Да и родители невесты не против. Потому что… как иначе? Это невеста не должна ничего знать (знали, еще как знали! только говорить об этом вслух было неприлично), а он-то должен обладать этим опытом… а как же иначе?
После появления повести Толстого вопрос о женской моногамии и мужской полигамии обсуждался не только устно, но и в печати.
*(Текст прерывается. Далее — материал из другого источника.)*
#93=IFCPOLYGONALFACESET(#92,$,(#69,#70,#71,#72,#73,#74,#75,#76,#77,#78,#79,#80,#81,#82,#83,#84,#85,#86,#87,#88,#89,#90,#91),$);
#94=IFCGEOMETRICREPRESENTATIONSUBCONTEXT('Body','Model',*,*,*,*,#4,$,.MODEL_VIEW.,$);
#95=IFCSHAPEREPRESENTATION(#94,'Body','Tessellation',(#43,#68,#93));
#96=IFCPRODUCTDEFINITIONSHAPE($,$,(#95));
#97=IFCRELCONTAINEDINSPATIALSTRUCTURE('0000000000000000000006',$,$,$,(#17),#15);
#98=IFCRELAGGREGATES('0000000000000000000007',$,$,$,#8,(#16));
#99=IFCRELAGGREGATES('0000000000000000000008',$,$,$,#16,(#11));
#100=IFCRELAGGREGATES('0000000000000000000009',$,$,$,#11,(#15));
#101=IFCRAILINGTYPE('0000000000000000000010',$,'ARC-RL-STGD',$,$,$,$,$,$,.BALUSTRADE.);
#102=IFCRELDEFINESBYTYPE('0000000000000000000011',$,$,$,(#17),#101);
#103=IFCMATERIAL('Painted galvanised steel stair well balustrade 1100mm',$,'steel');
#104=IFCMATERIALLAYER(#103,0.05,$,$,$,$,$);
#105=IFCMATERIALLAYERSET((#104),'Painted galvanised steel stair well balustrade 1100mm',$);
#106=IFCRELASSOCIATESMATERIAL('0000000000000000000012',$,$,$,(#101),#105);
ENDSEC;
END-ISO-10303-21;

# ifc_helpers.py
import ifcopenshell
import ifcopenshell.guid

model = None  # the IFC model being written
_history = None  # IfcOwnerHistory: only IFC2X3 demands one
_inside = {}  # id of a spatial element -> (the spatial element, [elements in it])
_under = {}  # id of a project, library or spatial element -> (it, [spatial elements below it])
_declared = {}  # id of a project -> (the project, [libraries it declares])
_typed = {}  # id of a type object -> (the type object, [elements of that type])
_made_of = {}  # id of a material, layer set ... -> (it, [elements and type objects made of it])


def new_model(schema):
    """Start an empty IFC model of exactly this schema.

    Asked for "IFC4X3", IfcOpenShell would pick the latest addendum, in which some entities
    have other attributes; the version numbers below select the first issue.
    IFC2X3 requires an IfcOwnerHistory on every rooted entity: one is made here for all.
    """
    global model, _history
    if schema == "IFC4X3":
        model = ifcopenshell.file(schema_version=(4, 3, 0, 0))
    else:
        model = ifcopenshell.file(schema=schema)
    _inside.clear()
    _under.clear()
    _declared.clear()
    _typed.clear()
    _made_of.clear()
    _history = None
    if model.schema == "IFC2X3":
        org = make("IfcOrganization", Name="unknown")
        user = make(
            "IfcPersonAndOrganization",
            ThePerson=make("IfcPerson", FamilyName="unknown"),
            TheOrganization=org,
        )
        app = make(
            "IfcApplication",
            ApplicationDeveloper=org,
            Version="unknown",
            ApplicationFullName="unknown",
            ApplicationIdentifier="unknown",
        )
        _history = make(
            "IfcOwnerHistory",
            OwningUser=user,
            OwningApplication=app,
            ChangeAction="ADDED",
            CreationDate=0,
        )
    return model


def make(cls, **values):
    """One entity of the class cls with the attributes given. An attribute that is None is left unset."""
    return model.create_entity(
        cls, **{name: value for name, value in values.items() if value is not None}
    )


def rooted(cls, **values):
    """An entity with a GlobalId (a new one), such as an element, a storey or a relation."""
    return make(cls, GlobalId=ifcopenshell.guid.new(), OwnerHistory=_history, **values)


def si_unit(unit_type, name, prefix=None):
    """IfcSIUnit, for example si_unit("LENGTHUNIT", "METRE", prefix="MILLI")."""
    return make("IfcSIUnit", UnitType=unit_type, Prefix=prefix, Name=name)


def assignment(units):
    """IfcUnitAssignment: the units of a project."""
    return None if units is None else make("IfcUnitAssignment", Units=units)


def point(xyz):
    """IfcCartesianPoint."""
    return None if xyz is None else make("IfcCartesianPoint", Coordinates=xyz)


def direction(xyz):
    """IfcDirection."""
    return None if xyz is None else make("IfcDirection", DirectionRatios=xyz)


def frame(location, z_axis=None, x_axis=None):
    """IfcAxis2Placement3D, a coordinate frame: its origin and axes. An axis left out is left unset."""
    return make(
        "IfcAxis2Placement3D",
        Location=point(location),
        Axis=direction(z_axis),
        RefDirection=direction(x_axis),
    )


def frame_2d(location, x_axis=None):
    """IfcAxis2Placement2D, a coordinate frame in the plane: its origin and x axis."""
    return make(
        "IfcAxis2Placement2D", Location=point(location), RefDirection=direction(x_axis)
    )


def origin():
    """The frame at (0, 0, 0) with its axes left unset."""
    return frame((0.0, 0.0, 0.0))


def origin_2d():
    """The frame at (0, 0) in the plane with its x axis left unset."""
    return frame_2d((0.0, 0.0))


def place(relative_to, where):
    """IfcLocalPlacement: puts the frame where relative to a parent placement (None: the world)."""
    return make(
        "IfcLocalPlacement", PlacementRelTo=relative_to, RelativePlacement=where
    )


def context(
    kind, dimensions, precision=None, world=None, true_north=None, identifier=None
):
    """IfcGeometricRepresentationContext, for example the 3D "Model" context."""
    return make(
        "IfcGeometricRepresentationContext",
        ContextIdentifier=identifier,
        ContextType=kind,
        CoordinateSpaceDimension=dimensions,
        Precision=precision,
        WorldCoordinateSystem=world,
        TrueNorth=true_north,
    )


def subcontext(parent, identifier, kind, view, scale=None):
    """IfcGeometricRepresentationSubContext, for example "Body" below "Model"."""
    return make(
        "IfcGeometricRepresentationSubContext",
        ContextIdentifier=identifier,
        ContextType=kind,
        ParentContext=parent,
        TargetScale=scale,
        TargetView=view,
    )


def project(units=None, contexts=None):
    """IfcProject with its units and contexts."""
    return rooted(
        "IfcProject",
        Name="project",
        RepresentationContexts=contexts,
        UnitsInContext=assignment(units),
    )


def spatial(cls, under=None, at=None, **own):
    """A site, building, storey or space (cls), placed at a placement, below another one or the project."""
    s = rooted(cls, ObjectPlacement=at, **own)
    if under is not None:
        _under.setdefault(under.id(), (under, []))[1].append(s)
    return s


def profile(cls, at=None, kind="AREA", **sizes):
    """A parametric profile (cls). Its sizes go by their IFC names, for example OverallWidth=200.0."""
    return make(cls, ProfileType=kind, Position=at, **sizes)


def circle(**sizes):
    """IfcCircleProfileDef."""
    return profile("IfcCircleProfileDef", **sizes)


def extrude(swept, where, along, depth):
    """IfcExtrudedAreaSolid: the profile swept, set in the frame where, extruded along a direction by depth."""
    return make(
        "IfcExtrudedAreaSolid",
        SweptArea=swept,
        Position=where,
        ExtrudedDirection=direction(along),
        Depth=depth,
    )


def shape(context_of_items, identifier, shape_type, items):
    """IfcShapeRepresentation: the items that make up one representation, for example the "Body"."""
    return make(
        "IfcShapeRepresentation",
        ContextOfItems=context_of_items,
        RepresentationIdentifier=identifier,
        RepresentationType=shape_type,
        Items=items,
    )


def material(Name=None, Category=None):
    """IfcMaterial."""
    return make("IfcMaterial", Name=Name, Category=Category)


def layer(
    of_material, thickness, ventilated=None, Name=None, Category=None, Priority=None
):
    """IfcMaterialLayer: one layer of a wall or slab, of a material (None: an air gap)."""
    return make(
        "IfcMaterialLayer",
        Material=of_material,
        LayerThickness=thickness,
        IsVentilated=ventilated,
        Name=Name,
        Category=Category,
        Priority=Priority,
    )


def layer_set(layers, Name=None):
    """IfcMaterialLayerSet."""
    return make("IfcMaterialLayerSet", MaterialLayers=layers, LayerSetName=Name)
Летом 1893 года, находясь на каникулах в Нерехте, Лиза прочла в “Русском вестнике” статью популярного драматурга Петра Гнедича “Вопрос о единобрачии мужчин”, которая возмутила ее даже не содержанием, а цитатой из комедии “Перчатка” норвежского писателя Бьёрсона, где невеста возвращает жениху данное ему слово, потому что он знал до свадьбы других женщин. “И вот, вместо сочувствия несчастной невесте, — пишет Дьяконова, — отовсюду поднимаются вопли негодования, и сам жених на вопрос возмущенной девушки — решился бы он жениться на падшей до замужества — тоном оскорбленной добродетели читает ей же (!) нотацию, что всякий мужчина из его круга почел бы это за позор для себя… Им все можно, а женщинам они не прощают и еще считают позорным союз с подобной себе: они же ее развращают, и они же смеют отворачиваться от нее, делаясь впоследствии «образцовыми» мужьями и отцами семейств. Это везде! везде! и в России, и за границей! О, Боже мой, Боже мой! Точно что оторвалось у меня на сердце, я хотела плакать, но не могла”.